INFERMAL (Inferential Analysis of Maliciously Registered Domains) is a research project being carried out by KOR Labs and funded by ICANN. The goal of this project is to conduct an in-depth analysis of maliciously registered domain names, aiming to uncover cyber attackers' preferences and possible measures to mitigate abusive activities within the domain name space.
Domain names serve as convenient shorthands for IP addresses, enabling easy navigation of the numerous online services we use daily. While most domain name registrations are harmless, cybercriminals frequently register new domains to launch large-scale attacks, such as phishing, malware drive-by-download, or spam campaigns. These malicious activities pose significant threats to Internet users and the security of the online ecosystem.
For years, there has been anecdotal evidence suggesting that cybercriminals tend to exploit top-level domains (TLDs) and registrars with low domain name registration prices. However, this hypothesis lacked concrete evidence and a systematic analysis of attackers' preferences. Each malicious actor may have their own criteria, with one favoring lower registration prices while another may target registrars with specific payment methods or free APIs for bulk domain registration. The INFERMAL project aims to expand the knowledge in this area.
The issue of factors influencing malicious domain registrations is of significant importance, particularly in light of the new generic Top-Level Domain (gTLD) program initiated by the Internet Corporation for Assigned Names and Numbers (ICANN). Since its launch in October 2013, hundreds of new gTLDs have been incorporated into the domain name system (DNS).

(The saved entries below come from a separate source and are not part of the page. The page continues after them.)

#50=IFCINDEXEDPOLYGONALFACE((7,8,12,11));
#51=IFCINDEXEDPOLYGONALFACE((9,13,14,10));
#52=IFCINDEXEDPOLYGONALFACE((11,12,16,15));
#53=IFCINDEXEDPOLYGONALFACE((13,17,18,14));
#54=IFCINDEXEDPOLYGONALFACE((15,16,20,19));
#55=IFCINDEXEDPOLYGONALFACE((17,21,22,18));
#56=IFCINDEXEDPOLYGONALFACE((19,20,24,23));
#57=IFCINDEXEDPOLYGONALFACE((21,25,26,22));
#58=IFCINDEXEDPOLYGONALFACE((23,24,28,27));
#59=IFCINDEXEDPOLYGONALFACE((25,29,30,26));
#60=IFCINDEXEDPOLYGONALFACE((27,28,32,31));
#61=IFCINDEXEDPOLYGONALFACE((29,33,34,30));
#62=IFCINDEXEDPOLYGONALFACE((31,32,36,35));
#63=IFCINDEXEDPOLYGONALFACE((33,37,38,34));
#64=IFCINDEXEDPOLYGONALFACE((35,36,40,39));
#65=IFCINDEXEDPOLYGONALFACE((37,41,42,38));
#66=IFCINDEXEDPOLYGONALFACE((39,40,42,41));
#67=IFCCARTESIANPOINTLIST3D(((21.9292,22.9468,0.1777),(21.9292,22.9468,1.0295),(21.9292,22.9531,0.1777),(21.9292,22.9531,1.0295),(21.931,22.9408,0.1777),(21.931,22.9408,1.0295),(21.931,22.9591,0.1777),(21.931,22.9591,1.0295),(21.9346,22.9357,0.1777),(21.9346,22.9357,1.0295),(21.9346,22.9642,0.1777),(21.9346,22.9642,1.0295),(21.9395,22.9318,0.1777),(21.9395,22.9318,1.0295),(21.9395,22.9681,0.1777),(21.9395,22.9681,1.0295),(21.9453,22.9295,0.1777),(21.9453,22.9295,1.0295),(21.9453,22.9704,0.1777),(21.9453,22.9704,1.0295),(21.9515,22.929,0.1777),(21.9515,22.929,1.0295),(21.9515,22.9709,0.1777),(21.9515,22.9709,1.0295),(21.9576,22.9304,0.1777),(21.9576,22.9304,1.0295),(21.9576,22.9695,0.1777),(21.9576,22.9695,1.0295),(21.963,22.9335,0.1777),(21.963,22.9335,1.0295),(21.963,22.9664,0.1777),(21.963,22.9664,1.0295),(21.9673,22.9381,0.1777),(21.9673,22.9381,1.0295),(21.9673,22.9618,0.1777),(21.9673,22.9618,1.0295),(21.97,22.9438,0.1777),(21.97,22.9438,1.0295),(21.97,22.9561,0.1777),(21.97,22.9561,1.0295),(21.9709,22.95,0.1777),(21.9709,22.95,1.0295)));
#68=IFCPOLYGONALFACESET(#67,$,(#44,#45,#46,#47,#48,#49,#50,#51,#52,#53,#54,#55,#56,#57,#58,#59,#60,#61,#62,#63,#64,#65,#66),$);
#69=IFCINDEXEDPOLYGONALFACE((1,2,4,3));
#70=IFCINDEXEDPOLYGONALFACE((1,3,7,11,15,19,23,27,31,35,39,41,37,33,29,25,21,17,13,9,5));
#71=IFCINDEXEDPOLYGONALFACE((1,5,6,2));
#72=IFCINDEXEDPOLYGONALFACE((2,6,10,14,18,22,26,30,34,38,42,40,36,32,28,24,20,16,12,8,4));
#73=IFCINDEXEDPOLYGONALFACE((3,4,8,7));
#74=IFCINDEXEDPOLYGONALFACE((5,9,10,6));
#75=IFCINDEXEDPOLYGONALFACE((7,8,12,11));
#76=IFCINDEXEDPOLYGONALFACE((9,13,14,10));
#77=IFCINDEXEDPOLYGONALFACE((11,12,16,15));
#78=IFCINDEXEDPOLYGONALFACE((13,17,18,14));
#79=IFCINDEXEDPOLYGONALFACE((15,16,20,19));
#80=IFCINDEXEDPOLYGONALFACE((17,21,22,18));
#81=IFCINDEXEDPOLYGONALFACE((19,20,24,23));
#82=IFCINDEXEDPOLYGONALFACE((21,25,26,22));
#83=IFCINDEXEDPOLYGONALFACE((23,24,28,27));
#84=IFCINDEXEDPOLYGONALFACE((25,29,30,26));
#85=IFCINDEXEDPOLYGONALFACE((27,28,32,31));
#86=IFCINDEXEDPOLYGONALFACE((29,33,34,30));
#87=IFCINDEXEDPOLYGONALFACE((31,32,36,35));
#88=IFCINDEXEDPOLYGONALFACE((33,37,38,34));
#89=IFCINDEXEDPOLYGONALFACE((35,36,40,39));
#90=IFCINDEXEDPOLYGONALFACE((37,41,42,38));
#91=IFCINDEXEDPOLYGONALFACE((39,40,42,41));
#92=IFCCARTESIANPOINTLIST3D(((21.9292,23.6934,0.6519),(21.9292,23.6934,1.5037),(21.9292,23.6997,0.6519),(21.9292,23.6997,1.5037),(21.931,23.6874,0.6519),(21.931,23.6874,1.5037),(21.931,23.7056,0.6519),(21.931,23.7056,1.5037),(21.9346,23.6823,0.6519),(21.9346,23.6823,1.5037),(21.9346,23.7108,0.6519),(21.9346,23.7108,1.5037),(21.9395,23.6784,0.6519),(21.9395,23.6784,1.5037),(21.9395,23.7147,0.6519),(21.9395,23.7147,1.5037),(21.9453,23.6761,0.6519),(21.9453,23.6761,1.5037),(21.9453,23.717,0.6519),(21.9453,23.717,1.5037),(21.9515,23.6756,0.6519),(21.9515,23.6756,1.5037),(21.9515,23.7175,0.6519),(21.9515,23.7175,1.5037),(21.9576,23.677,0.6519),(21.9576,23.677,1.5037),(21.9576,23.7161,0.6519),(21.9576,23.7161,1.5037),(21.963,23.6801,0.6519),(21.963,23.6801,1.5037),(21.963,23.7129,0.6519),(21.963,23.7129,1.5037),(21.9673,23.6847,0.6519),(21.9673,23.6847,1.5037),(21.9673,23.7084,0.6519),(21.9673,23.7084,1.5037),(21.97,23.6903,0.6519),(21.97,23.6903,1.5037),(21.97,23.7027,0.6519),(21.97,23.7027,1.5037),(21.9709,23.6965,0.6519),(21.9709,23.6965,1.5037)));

Certain gTLDs compete by offering exceptionally low registration prices, occasionally even below US $1. This presents a critical challenge: finding ways for TLD registries and registrars to attract legitimate users while simultaneously implementing robust measures to deter malicious use. Addressing this challenge requires systematically exploring strategies that strike a balance, encouraging legitimate registrations while maintaining barriers against abuse. By understanding the motivations behind malicious registrations and the factors driving them, TLD registries and registrars may develop effective approaches to safeguard the integrity of the domain name system and protect users from cyber threats.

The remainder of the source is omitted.